New Zealand doesn’t have a single constitutional document but a collection of legal documents coming together to make an uncodified constitution, which carries no special recognition or protection to cooperatives. This legal framework analysis of New Zealand specifically covers the Co-operative Companies Act 1996 and the Industrial Provident Societies Act 1908.
Except for financial cooperatives which have their own legislation (Friendly Societies and Credit Unions Act 1982), New Zealand’s cooperative legal framework does not make specific provision for different types of cooperatives. However, the laws mentioned below provide ample flexibility to accommodate types of cooperatives.
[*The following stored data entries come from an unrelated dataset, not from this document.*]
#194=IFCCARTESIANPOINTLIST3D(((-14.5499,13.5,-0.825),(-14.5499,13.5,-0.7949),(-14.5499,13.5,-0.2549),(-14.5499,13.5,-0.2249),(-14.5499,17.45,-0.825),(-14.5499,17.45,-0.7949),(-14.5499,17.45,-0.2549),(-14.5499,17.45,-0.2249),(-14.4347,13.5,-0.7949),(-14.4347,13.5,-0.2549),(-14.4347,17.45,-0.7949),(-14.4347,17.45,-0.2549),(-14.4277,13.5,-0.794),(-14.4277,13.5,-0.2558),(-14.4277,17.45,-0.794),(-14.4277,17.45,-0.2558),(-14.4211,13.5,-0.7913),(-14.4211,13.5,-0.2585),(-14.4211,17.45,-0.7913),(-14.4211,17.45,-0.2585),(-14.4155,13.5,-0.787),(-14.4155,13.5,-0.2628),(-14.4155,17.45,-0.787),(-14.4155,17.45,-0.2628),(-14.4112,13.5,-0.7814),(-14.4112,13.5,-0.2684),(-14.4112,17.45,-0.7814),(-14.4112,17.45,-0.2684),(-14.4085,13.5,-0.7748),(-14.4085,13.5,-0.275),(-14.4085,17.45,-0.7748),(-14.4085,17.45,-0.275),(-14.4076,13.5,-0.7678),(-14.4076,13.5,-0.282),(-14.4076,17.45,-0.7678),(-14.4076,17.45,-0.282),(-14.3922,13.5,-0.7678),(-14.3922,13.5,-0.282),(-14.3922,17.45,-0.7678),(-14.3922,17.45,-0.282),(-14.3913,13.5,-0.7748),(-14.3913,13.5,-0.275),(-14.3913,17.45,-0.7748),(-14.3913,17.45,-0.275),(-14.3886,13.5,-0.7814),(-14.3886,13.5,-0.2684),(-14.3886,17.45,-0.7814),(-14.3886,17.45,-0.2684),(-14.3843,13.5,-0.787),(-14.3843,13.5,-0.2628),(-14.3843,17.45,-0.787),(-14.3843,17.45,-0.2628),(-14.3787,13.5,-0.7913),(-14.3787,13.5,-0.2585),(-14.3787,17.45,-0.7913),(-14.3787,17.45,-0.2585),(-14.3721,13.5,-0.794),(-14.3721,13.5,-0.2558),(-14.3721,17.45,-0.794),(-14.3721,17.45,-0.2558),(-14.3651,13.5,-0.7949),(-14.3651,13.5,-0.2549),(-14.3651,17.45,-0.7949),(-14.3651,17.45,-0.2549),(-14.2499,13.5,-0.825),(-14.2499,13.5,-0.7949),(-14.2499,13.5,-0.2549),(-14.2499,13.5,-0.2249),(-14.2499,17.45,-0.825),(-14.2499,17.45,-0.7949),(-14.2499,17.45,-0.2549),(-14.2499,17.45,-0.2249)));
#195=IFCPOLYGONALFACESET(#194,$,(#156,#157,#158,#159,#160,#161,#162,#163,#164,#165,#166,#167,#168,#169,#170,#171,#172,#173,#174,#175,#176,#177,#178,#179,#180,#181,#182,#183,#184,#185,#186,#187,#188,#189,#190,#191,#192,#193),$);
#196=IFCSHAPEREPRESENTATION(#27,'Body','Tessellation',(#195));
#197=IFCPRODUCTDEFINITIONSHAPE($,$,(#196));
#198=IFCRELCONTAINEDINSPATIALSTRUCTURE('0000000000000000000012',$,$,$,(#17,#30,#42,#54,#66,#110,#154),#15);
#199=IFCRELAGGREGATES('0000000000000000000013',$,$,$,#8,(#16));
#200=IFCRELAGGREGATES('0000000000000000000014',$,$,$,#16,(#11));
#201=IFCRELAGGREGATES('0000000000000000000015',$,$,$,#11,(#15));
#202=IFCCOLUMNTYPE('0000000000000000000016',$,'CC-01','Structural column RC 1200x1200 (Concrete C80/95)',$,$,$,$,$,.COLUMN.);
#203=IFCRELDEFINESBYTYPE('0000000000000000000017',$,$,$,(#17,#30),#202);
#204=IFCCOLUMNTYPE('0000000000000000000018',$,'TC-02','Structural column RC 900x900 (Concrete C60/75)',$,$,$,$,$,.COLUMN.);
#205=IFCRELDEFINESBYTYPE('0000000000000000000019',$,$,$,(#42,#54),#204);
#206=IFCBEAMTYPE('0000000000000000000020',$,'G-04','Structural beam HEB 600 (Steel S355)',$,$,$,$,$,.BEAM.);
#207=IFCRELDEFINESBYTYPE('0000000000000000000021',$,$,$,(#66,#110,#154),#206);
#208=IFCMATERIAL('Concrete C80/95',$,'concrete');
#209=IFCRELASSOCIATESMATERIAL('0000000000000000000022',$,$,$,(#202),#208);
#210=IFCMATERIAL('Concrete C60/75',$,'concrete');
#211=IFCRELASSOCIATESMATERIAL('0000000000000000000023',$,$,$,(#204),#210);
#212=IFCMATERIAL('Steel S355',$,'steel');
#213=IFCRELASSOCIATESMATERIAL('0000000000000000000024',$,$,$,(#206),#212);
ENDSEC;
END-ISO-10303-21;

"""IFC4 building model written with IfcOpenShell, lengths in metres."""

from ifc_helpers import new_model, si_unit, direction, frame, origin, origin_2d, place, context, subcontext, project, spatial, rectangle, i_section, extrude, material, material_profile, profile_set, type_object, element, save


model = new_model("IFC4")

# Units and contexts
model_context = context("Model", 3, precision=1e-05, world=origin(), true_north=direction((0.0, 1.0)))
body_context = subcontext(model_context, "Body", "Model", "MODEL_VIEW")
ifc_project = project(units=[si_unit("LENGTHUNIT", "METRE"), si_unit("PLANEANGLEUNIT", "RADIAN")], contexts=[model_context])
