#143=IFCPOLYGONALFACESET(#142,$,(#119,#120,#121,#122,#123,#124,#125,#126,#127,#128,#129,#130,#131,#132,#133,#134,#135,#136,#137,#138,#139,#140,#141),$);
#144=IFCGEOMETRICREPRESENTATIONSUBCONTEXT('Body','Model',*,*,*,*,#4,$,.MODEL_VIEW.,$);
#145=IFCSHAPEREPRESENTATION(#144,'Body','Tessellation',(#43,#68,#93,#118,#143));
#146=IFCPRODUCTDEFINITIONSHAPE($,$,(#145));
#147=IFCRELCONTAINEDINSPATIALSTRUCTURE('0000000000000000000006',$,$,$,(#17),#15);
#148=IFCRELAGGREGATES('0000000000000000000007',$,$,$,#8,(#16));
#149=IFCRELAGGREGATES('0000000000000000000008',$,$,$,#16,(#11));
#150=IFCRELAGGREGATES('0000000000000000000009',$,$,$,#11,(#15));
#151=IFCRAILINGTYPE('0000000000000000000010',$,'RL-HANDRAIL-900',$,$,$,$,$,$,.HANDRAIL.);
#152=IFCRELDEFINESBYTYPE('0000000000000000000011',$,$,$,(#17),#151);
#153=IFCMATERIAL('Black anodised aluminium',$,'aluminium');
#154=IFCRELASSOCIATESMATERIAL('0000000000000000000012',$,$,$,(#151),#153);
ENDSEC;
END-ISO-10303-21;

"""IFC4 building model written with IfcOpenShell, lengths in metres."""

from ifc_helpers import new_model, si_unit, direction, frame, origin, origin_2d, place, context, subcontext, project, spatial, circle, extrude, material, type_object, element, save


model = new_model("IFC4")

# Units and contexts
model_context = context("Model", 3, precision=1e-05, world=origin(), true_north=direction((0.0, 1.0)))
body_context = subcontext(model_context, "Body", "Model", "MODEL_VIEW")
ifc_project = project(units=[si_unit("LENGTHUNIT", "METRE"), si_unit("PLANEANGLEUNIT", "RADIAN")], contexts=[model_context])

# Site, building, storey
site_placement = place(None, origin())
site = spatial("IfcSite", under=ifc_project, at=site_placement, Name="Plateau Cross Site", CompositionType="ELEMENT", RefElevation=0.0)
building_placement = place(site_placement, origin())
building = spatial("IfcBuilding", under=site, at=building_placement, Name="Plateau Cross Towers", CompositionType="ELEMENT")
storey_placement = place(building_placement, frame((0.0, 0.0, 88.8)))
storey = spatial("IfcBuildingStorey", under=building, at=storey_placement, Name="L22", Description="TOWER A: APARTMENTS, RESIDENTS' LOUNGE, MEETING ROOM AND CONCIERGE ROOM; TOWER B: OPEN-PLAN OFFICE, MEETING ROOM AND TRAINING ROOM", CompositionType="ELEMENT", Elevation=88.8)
Main laws relevant to cooperatives in New Zealand
Co-operative Companies Act,1996
Industrial and Provident Societies Act, 1908
Building Societies Act, 1965
Incorporated Societies Act, 1908
Friendly Societies and Credit Unions Act 1982
New Zealand’s cooperative legal framework includes general and specific application of some of the cooperative principles.
The Co-operative Companies Act,1996 is more cooperative friendly than not because it has been tailored to meet the specific requirements of the dairy industry which is the largest industry in the cooperative sector, and the law doesn’t itself encourages compliance with the cooperative principles but rather leaves it to the by-laws of cooperatives registered under the act. The Industrial and Provident Societies Act, 1908 is also more cooperative friendly than not because it requires the registrar to determine if the organisation seeking to register is a bona fide cooperative. It is an archaic law, which is otherwise flexible but leaves it to the bylaws of a cooperative to set out its adherence to cooperative principles.
Key recommendations for improvement
- Replacement of the Industrial and Provident Societies Act, 1908 with new legislation for cooperative and community benefit associations.
- To also include a provision in the Co-operative Companies Act,1996 and Industrial and Provident Societies Act, 1908 which allows cooperative companies to adopt accounting standards that are tailored for cooperatives.
- Co-operative Companies Act,1996 to also adopt a mandatory cooperative governance code.
The history and development of cooperative law, in New Zealand, is unique, however recently due to global competition, volatile markets, etc. signs of cracks have emerged in New Zealand’s flexible approach to the cooperative business model.